Hacker News new | ask | show | jobs
by warrentr 2917 days ago
This is very concerning but can happen on AWS as well. July 4th last year at about 4PM PST amazon silently shutdown our primary load balancer (ALB) due to some copyright complaint. This took out our main api and several dependent apps. We were able to get a tech support agent on the phone but he wasn't able to determine why this happened for several hours. Eventually we figured out that another department within amazon was responsible for pulling down the alb in an undetectable way. Ironically we are now in the process of moving from aws -> gcp.
5 comments

My coworker is running a hosted affiliate tracking system on AWS as part of our company. He regularly has to deal with AWS wanting to pull our servers because of email spam -- not because we're sending spam emails, but because some affiliate link is in a spam email that resolves to our server, and Spamhaus complained to AWS.

Usually this can get handled after a few days of aggravating emails back and forth, we get our client to ban the affiliate in question, and move on with our days with no downtime. But a few weeks ago my coworker came in to find our server taken offline, because AWS emailed him about a spam complaint on a Friday night, and they hadn't gotten a response by Sunday. It'd been down for hours before he realized.

They'd just null terminated the IP of the server, so he updated IPs in DNS real quick, but he then spent half a day both resolving the complaint, and then getting someone at AWS to say it wouldn't happen again. They supposedly put a flag on his account requiring upper management approval to disable something again, but we'll see if that works when it comes up again.

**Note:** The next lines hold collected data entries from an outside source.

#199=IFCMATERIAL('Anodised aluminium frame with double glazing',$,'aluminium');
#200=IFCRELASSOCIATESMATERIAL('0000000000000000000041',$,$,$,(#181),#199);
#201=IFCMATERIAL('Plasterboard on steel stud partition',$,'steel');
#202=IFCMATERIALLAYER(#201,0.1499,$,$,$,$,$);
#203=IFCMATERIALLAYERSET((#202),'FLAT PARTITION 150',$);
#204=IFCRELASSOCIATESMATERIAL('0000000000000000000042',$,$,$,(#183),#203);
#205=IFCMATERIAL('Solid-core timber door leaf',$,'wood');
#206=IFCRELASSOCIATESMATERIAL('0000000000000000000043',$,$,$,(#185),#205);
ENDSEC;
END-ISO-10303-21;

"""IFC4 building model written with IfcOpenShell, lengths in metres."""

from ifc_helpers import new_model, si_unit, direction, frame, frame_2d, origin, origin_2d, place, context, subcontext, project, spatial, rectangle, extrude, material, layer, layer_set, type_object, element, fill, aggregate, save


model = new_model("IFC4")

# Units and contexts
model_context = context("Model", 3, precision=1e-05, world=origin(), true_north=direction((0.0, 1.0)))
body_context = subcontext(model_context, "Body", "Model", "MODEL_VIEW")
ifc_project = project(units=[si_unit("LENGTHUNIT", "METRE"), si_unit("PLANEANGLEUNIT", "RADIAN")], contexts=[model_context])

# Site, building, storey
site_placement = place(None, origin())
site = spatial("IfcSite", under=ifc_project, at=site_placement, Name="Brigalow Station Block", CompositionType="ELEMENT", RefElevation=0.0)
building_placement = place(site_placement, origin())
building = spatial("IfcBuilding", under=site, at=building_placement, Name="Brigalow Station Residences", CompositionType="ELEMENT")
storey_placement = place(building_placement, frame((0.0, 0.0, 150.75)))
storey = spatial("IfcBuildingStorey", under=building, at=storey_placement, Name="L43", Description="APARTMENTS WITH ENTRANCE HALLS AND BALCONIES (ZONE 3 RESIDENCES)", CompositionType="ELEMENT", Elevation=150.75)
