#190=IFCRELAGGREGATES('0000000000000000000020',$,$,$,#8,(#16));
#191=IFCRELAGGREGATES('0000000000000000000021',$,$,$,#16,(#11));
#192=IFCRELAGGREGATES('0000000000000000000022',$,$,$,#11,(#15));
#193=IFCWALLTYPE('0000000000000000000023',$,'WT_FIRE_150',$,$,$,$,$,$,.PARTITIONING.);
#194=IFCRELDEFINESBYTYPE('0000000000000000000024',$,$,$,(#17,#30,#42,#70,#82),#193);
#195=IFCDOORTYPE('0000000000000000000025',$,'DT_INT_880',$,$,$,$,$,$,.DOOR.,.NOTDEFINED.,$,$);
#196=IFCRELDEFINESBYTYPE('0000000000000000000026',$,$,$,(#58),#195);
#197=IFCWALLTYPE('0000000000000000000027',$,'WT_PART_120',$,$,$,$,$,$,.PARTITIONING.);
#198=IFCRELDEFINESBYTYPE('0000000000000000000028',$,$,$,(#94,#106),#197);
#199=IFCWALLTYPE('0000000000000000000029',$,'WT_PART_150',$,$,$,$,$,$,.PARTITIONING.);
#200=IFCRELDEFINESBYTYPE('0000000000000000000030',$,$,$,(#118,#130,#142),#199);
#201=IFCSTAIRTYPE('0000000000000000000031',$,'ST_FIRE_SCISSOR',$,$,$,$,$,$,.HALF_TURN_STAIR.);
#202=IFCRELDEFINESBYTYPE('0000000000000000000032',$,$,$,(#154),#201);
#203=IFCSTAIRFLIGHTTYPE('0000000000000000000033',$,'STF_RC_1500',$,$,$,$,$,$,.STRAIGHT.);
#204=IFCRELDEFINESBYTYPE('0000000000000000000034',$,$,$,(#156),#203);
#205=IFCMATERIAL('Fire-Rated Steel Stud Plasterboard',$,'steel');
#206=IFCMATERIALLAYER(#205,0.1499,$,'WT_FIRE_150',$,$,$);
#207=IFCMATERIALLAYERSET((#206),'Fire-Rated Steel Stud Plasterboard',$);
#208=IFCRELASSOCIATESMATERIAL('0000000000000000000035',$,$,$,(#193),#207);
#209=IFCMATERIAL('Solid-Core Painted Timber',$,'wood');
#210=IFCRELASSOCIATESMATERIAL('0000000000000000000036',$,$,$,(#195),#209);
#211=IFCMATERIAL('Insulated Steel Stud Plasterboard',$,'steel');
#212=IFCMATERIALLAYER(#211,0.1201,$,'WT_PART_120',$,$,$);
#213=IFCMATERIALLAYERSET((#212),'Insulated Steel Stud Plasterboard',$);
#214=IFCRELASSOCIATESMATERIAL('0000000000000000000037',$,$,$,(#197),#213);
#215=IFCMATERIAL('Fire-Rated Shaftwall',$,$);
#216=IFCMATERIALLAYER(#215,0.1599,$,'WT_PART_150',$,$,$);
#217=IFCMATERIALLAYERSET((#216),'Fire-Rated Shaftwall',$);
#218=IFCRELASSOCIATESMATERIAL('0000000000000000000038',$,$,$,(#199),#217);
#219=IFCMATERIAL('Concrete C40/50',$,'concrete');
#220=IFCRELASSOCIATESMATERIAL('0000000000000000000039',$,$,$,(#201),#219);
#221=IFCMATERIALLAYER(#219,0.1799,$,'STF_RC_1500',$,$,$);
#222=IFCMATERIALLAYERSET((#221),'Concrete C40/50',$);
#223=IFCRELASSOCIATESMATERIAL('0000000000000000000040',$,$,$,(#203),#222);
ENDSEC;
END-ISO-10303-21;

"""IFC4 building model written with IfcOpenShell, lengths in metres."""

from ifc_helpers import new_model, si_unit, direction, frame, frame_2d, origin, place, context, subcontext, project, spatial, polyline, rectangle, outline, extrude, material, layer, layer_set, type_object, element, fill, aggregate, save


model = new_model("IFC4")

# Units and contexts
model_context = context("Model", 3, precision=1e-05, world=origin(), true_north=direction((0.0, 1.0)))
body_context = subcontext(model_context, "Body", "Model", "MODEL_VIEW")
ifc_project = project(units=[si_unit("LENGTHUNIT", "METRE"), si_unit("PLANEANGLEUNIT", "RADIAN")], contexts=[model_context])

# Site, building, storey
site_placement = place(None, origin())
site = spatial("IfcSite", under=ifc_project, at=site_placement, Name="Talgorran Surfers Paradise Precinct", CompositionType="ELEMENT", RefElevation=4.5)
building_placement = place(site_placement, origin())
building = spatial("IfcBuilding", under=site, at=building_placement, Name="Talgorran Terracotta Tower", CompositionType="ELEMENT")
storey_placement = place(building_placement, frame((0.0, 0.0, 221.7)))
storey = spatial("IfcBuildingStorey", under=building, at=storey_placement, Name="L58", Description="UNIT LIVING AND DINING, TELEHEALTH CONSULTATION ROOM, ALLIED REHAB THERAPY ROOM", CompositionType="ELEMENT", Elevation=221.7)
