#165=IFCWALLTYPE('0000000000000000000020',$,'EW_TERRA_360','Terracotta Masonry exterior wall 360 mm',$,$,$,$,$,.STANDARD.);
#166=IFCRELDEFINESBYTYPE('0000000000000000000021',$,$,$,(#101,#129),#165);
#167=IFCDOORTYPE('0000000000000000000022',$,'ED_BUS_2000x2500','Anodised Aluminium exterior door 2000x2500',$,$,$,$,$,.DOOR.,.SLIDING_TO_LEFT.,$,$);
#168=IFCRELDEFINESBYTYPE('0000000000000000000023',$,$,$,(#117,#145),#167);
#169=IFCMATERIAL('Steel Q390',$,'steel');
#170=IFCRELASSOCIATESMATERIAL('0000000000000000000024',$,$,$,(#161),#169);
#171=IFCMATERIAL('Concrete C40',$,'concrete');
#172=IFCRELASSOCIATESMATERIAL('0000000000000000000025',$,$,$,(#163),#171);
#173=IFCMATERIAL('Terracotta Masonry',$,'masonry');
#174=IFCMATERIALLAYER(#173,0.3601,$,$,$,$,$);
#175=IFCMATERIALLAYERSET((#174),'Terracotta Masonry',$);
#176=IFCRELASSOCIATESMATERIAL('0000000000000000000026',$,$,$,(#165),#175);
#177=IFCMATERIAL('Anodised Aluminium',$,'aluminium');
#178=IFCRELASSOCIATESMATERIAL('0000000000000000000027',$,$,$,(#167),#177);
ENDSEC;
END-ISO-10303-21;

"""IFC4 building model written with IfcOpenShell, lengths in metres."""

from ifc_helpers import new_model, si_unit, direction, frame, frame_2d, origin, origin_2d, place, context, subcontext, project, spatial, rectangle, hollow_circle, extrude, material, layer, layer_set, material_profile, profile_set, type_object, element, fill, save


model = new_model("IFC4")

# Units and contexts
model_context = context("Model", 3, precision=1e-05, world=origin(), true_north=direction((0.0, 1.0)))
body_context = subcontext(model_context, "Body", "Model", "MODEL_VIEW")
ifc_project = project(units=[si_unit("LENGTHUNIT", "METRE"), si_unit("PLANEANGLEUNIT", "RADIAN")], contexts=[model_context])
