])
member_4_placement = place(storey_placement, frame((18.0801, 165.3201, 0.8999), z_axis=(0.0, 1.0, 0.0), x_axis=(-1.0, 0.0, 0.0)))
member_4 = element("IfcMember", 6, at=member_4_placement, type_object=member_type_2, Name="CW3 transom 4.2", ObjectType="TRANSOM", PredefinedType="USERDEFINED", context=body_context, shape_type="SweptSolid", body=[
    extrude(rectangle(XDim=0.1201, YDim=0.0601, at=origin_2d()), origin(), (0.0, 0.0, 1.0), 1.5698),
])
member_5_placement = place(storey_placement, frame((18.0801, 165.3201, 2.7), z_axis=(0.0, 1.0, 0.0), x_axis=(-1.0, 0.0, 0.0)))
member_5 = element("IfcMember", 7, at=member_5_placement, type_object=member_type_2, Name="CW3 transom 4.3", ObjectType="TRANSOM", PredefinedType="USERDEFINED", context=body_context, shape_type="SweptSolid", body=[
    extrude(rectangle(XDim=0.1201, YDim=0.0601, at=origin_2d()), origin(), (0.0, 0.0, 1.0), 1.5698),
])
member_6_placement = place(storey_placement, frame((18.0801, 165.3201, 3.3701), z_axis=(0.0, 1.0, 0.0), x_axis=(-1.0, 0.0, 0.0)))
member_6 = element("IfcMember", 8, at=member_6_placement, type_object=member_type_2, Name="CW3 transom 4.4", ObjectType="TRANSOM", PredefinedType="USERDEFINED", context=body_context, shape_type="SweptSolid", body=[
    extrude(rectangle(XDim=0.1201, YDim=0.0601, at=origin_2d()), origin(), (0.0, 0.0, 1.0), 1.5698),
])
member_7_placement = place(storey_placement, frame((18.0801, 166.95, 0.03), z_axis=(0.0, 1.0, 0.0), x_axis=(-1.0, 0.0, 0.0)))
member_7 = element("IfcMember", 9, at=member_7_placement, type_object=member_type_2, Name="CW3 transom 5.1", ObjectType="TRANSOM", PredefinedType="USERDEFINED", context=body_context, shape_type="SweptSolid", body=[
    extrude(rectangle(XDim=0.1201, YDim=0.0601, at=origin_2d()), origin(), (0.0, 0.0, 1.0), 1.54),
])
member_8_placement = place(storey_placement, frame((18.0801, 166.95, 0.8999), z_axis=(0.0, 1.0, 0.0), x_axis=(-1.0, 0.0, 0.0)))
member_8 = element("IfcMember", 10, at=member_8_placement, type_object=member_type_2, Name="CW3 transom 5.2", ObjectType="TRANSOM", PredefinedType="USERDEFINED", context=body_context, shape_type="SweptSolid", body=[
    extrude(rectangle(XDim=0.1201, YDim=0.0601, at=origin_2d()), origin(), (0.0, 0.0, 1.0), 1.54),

You're going to have to go multi-cloud if you truly want to insulate yourselves from this sort of problem.

If and when you do, give serious consideration to how you handle DNS.

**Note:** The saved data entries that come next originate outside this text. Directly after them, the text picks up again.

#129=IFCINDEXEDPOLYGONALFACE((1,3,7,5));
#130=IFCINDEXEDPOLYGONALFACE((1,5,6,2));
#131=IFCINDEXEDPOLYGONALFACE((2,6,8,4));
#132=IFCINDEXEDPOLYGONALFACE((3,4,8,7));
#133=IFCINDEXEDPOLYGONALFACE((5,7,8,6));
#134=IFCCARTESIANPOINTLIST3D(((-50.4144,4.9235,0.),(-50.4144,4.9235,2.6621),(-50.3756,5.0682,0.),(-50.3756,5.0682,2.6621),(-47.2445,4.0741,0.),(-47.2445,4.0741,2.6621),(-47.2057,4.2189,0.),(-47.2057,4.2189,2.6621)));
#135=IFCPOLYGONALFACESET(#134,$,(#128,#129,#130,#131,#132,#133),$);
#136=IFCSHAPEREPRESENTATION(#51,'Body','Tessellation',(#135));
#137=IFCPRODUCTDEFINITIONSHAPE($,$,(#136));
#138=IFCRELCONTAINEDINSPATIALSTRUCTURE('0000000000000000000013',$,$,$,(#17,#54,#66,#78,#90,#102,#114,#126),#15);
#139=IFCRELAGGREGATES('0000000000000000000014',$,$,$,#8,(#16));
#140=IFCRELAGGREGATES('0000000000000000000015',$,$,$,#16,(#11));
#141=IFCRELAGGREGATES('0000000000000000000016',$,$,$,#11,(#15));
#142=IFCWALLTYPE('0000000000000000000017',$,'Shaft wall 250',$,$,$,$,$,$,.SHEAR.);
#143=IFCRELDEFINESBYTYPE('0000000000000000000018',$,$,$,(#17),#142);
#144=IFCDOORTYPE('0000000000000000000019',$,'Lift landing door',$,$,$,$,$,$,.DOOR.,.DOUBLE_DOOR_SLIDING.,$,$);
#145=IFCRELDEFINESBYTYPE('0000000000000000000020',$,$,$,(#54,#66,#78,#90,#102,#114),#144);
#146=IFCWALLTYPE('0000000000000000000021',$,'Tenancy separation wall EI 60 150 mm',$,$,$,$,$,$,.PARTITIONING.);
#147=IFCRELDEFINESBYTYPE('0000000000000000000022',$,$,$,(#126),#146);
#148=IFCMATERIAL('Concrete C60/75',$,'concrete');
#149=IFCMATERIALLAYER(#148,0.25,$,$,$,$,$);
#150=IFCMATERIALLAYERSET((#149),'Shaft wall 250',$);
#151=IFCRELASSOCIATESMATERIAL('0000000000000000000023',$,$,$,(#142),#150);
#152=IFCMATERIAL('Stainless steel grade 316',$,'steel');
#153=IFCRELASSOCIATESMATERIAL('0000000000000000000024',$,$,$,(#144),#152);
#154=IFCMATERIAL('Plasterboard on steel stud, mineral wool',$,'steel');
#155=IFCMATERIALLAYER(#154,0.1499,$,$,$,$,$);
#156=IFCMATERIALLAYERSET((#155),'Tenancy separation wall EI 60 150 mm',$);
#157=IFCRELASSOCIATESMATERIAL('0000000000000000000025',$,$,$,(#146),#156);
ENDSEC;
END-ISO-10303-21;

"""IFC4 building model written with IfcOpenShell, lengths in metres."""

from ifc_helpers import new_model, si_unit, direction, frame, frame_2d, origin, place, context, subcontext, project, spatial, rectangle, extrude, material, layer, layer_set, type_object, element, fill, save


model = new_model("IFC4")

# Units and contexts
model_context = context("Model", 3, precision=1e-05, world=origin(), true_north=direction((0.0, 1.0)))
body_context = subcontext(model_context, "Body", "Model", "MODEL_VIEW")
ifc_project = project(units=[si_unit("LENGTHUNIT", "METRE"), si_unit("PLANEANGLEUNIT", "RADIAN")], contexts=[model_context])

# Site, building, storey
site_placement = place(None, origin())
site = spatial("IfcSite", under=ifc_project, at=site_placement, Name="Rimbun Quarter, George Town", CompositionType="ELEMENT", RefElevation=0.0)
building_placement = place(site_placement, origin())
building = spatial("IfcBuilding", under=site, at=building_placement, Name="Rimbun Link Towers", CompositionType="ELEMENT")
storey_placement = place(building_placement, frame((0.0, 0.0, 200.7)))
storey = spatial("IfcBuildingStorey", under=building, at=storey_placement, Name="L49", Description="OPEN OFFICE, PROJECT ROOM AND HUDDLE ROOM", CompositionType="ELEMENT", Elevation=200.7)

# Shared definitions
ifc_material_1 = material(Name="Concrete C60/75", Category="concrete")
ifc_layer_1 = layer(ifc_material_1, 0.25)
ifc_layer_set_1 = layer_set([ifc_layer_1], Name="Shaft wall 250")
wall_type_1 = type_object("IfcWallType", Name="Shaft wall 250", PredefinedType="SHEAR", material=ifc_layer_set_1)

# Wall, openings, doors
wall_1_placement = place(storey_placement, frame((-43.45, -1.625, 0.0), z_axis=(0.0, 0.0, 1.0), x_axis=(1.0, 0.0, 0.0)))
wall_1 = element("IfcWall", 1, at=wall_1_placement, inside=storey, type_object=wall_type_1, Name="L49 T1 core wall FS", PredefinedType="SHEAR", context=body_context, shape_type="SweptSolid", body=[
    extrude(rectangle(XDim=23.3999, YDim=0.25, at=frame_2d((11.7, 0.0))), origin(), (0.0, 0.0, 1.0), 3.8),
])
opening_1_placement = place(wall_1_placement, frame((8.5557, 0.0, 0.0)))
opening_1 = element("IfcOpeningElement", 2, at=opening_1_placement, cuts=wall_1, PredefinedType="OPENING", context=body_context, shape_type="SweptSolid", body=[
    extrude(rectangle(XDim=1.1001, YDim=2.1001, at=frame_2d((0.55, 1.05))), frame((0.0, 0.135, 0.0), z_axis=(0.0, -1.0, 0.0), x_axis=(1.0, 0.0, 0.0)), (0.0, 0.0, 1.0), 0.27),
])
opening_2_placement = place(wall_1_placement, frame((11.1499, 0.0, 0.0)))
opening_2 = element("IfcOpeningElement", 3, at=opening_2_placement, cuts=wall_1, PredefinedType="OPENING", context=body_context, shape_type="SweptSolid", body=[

Fwiw, Ansible makes the multicloud thing pretty straightforward as long as you aren’t married to services that only work for a specific cloud provider.

For that, you should consider setting up multiple accounts to isolate those services from the portable ones.

Wouldn't that be Terraform (perfect for setting up cloud infrastructure) vs. Ansible (can do all, but more geared to provisioning servers you already have)?
Ansible uses Apache Libcloud to run just about anything you need on any cloud provider in terms of provisioning. Once provisioned, it will handle all of your various configuration and deployment on those.

Also plays really nicely with Terraform.

How does ansible make it straighftorward? As far as I know, it neither helps with networking failover, load balancing, data consistency, or other aspects of distributed systems, and running one application across clouds is certainly a distributed systems problem, not a deployment problem.

Ansible helps deploy software, but deploying software is the smallest problem of going multi-cloud.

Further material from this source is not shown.